Nowadays, the number of safe havens to hide the corruptors ill-gotten wealth is decrease, it means a bad news for them. Bacause Safe havens are now turning unsafe. In spite of the growth in technology and services, whereby money can be sent instantly invested through shell companies in some locations, monitoring of such activities is becoming more and more important A few years back there was little monitoring of financial transactions within countries. Cooperation between countries in tracing and forfeiting stolen assets was also rare. But now every financial transaction above a certain amount is reported by the banks to their national Financial Intelligence Units (FIUs). In Indonesia, Financial Intelligence Units (FIUs) is usually called PPATK (Pusat Pelaporan Dan Analisis Transaksi Keuangan). PPATK (Pusat Pelaporan Dan Analisis Transaksi Keuangan) is being supplied with the important information by all banks in the country. Countries are now also collecting a lot of information through law enforcement cooperation with each other as well as through Interpol. Every FIUs in different country have their own cooperation and share information with another country. Historic safe havens like Switzerland are now seriously monitoring wealth being deposited in their country. In the past few years they have returned close to US$1.6 billion to countries that had lost those assets through corruption. There is now international pressure on established safe havens to be more transparent in their functioning. Bank secrecy and privacy behind which all kinds of illegal wealth was being laundered are now being increasingly challenged. Recently the United Nations Office on Drugs and Crime and the World Bank launched a Stolen Assets Recovery initiative (StAR) to help nations recover assets stolen by their nationals and deposited abroad. For stolen assets to be returned through a criminal prosecution, countries have to go through a process of mutual legal assistance (MLA), asking for help from the receiving country.
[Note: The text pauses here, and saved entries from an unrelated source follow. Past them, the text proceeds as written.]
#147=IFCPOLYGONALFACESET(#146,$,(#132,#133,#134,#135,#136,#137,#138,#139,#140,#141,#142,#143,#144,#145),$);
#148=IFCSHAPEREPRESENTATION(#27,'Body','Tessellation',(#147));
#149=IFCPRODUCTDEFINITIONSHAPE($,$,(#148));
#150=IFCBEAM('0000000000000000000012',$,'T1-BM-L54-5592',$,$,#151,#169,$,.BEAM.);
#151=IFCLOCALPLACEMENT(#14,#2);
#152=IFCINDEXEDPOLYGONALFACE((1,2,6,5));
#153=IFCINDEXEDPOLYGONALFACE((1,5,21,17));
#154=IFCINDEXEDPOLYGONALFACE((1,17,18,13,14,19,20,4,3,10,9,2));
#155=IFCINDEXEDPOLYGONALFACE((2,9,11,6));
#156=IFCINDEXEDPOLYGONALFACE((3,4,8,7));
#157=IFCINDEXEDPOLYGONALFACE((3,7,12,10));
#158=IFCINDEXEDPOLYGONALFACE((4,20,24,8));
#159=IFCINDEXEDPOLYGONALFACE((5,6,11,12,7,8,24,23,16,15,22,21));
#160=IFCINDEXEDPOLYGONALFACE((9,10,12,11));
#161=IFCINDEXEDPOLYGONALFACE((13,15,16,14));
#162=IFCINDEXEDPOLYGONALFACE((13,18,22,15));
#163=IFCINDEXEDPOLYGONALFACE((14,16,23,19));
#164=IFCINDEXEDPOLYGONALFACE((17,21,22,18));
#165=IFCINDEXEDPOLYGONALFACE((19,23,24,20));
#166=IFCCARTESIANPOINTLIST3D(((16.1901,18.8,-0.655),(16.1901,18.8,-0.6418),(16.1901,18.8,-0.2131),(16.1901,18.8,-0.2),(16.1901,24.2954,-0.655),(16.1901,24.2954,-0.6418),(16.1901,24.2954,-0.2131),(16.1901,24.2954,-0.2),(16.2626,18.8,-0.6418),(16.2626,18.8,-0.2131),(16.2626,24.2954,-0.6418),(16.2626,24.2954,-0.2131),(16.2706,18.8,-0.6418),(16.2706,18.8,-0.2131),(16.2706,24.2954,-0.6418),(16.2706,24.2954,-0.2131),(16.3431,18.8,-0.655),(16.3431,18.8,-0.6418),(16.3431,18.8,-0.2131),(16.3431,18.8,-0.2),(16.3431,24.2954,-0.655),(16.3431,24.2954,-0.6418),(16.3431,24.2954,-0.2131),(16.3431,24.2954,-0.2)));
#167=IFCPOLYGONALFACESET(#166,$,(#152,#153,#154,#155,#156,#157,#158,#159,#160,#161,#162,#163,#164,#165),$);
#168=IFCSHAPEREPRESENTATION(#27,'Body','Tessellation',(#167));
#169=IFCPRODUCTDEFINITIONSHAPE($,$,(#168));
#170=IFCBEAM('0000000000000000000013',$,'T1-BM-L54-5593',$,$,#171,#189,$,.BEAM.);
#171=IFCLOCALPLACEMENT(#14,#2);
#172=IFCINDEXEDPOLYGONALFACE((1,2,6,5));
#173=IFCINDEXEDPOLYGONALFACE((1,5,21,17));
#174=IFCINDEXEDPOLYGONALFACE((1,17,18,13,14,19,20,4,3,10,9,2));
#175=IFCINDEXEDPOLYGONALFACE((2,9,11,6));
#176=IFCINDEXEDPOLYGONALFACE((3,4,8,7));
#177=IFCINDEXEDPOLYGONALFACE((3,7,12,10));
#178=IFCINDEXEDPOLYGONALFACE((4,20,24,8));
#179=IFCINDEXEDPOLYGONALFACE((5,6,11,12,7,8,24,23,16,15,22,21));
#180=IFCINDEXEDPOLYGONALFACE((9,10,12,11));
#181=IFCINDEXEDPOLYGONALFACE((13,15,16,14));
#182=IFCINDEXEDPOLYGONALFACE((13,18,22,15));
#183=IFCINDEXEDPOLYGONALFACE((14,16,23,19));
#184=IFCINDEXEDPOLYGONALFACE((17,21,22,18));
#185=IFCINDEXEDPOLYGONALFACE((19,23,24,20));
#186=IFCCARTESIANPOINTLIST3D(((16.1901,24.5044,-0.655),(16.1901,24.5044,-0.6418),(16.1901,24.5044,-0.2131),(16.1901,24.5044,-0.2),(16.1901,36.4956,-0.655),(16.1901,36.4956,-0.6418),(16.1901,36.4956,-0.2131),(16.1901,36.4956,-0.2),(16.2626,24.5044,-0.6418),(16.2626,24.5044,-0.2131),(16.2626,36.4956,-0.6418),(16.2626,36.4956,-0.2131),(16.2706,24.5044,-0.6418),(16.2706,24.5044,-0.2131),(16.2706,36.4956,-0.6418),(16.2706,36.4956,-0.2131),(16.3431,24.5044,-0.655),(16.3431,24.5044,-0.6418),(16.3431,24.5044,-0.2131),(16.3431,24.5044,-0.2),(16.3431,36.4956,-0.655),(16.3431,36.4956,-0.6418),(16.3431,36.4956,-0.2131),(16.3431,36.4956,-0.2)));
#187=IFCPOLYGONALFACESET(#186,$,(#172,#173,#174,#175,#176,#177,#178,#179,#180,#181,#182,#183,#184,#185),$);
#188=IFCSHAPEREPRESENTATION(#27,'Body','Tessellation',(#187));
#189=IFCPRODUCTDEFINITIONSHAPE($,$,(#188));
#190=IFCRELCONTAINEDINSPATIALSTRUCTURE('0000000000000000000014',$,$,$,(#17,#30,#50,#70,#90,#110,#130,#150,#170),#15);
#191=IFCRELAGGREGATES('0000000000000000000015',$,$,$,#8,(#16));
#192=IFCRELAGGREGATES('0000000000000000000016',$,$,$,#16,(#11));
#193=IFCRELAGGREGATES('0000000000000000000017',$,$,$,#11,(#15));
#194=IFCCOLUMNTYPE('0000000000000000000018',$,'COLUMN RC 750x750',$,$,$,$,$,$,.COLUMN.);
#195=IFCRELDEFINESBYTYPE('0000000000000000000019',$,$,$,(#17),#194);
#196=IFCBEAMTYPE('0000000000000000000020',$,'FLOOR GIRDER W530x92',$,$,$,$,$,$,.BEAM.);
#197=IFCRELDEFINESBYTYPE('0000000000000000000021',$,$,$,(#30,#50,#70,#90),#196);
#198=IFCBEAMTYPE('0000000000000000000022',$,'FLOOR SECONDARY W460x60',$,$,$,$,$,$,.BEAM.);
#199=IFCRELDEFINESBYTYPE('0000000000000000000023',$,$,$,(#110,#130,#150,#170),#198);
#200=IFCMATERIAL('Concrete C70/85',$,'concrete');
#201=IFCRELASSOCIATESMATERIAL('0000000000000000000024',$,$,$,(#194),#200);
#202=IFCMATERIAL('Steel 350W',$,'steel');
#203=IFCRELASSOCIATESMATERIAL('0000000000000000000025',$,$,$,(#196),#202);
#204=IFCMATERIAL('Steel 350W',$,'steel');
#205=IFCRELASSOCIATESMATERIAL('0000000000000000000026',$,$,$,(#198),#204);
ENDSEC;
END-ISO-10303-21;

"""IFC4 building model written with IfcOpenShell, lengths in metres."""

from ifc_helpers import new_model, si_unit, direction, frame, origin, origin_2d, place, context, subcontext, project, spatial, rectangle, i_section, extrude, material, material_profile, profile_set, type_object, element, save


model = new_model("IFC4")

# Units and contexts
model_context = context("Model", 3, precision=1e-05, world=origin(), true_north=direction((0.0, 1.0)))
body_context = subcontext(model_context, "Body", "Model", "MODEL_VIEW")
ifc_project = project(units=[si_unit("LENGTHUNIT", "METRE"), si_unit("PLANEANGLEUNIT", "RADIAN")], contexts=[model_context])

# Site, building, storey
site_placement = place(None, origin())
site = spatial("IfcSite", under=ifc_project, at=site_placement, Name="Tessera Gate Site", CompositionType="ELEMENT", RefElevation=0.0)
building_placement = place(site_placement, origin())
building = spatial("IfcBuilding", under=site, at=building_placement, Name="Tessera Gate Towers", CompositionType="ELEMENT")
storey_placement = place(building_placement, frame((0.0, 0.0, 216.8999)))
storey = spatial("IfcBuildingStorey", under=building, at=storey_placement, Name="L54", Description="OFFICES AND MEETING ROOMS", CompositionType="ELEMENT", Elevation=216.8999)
Indonesia is one of the pilot countries under the StAR initiative. The government of Indonesia has shown determination to recover assets that have been siphoned out of the country in the past, assets belonging to the people of the country and which must rightfully come back to them. But this is not going to be either easy or quick. It will require a highly professional team of investigators to work with patience backed by solid political support. And many strategy will employed by the government country to get back the asset that lost by corruptors. With that new law, it very hard for corruptor and big criminals to do the criminals thing.